November 8, 2009
I’m sure we all remember those elementary school assignments that required us to write a short story, then read it out loud for the edification of our classmates. The first time I can remember doing that was in 5th grade. Fifth grade was a nightmare for me. As an unnaturally tall child with no social skills, it was as if the terrors of junior high got a two-year head start. In the vernacular of more recent years, fifth grade totally harshed my gig.
My fifth grade teacher couldn’t even pretend to like me. Or perhaps she could have pretended, but decided not to, thinking that I wasn’t worthy of any artifice on her part. She wasn’t a very nice woman. I’m sure she’s making some poor man’s golden years a veritable hell in an assisted living facility in Southern California. In those yellow Fall days in the late 60s, she was my boogie for six hours a day, five days a week. I have to cut her some slack, though, and admit that there wasn’t anything necessarily likable about me at that age. I was a homely girl with stringy hair, a gap between my front teeth, and only two school outfits that I interchanged on a rotating basis. Sometimes one of those outfits would be dirty and I’d have to choose whether to wear soiled clothes or appear daily in the cleaner outfit until one of the adults at home got around to doing laundry.

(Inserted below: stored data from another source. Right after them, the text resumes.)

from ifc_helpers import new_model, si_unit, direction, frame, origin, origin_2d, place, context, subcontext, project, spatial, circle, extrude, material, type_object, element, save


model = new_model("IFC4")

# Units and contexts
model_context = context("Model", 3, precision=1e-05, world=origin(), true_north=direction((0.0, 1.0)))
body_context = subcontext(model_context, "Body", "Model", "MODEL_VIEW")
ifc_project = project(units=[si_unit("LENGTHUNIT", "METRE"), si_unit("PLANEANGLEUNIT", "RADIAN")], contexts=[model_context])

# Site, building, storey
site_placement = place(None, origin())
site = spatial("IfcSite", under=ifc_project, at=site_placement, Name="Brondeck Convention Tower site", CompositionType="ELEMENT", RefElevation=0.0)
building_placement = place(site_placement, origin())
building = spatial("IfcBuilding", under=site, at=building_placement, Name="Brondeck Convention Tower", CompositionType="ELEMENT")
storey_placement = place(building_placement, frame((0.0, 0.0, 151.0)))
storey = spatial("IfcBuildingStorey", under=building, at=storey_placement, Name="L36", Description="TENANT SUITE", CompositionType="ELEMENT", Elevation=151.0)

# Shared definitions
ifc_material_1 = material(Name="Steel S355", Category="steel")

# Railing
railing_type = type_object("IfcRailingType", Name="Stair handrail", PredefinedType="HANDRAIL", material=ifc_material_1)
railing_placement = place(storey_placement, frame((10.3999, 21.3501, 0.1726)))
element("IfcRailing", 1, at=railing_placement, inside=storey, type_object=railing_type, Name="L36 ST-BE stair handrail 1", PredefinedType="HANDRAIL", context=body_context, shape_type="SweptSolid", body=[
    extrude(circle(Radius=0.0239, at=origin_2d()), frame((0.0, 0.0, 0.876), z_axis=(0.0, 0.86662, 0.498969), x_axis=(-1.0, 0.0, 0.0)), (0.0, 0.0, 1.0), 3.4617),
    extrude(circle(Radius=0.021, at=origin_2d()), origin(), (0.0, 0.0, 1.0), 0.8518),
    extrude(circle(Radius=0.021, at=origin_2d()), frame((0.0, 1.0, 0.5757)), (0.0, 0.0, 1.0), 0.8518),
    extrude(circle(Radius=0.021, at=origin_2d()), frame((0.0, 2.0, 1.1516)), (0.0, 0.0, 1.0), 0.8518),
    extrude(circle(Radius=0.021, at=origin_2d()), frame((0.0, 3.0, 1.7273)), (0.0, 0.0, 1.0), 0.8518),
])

Anyway, I remember that first short story assignment, mostly because of the chastisement it earned me. I let it go until the last minute, hurriedly scribbling it out the night before it was due. I always let my homework go until the last minute back then. That’s what kids who hate going to school do. When I was called on to read my story out loud the next day, I was more concerned with whether anyone would notice that my knee socks didn’t match (they were both white, but had different patterns of knit) than what kind of grade I’d receive on the assignment.
The story was about a young girl (me in a prettier, braver, and certainly not unnaturally tall package, of course) whose parents (mine in a sober, attentive package) take her to London on holiday. She spies a glass unicorn in a gift shop at the same time another girl her age (prettier, of course, and with much more sober parents). A physical altercation ensues; my heroine ends up pushing the other girl into the glass display case and comes away the winner on all counts.

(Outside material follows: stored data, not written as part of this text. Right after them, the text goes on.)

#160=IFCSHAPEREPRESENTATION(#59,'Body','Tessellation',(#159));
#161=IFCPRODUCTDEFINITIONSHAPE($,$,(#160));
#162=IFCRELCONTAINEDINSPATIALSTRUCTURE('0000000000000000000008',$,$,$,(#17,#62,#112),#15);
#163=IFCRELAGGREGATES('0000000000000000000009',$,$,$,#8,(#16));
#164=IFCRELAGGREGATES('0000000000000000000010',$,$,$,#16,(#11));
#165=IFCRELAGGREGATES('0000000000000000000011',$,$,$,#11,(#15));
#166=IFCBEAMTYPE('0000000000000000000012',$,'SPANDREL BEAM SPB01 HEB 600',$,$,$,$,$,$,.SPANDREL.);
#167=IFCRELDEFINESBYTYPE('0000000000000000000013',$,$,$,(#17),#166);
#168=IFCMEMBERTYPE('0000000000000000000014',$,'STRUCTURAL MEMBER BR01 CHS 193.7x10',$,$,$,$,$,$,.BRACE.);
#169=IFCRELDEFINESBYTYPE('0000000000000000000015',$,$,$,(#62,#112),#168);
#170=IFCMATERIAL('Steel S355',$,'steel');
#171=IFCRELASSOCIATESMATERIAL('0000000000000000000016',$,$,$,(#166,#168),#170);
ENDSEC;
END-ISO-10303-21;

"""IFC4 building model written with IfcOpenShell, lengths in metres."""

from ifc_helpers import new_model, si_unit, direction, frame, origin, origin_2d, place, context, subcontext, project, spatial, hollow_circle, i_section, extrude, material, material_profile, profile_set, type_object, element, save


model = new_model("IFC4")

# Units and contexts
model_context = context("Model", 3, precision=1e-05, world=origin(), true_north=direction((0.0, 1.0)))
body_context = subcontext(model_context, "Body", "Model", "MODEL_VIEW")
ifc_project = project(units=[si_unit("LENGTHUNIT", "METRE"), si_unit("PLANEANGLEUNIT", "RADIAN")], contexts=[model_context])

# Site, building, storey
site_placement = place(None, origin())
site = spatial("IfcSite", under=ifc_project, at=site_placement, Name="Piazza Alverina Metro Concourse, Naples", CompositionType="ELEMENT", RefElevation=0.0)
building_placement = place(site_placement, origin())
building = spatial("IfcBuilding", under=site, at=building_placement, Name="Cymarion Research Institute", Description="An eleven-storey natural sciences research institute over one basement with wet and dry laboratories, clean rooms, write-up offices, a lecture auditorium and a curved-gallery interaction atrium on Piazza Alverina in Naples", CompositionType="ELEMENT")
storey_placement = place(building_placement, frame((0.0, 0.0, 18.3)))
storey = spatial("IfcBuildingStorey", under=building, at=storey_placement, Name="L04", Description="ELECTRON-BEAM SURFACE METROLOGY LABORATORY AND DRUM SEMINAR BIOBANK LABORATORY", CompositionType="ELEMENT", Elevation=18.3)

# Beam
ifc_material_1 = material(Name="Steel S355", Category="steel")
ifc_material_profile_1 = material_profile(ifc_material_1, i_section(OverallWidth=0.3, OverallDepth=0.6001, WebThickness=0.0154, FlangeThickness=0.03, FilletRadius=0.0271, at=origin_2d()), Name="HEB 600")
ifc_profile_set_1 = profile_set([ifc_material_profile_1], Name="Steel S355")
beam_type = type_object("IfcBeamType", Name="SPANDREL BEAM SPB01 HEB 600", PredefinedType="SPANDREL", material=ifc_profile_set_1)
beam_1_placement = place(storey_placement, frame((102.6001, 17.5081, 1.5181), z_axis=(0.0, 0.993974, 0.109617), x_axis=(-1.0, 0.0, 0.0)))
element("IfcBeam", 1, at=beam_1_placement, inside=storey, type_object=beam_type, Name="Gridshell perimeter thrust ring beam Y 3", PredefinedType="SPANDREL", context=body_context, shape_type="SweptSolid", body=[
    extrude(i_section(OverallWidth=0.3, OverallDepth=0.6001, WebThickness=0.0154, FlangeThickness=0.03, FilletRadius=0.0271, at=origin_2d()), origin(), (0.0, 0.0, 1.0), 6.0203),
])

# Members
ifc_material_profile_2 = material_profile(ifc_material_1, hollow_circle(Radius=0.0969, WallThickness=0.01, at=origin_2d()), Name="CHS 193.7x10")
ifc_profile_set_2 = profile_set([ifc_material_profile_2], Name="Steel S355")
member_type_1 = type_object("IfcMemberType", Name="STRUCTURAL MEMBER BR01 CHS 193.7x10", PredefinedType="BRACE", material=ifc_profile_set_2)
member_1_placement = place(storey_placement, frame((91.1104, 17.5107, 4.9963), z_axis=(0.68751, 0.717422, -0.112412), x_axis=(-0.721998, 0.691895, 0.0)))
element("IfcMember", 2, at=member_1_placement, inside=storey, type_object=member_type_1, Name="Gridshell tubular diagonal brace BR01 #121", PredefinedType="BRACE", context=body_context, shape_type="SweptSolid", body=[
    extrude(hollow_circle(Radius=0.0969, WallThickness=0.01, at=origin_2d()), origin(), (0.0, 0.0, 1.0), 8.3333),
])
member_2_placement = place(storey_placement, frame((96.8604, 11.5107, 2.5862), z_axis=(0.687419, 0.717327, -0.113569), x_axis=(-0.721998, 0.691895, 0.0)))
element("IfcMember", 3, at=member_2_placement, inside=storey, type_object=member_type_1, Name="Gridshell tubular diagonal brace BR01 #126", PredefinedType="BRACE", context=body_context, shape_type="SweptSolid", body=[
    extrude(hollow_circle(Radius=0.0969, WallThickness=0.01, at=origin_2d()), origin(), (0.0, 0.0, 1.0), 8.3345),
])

About halfway through my reading, I noticed titters from my classmates. Some of them were actually starting to pay attention. By the end of the story, every shove my heroine delivered to her spoiled rival earned cheers from the class. When I finished reading, the class erupted into loud applause. Except for the teacher, everyone enjoyed it immensely. She stood up and gestured for silence, then castigated me on the level of violence in my story, saying that it was “completely inappropriate for a ten-year-old girl”. I thought the lecture would never end. On and on she went, holding my story up to the others as an example of what she would not tolerate in her class and pointing me out for the potential failure of a human being that she no doubt believed I was destined to become.
The recess bell saved me. I went out to the tether ball courts as usual, hoping to find someone who didn’t mind playing with a girl who loomed at least a foot taller than they, but that day I was surrounded by my classmates. Even the boys looked up to me as some sort of hero. My story had touched a nerve. I’d written about the anger so many children feel at an age when our feelings were disregarded and we were instructed to keep our mouths shut. There was no Prozac for kids in those days; we had to suck it up, baby, and so we did just that, and a few of us wrote stories about it.
I spoke out that day behind the facade of fiction. I see writers do that same thing all the time. Stephen King especially comes to mind. I have no doubt that alcoholism and cancer have reared their ugly heads in his life; those two diseases are as monstrously pervasive in his fiction as vampires, serial killers and megalomaniacs. Is that what we’re doing, then? Are we all surreptitiously trying to air our sorrows, torn between the hope that no one will notice and the burning desire that finally someone will understand – that someone will hold us in the form of our words to their figurative heart and whisper, “shhhhhhhh, hush now, it’ll be okay”?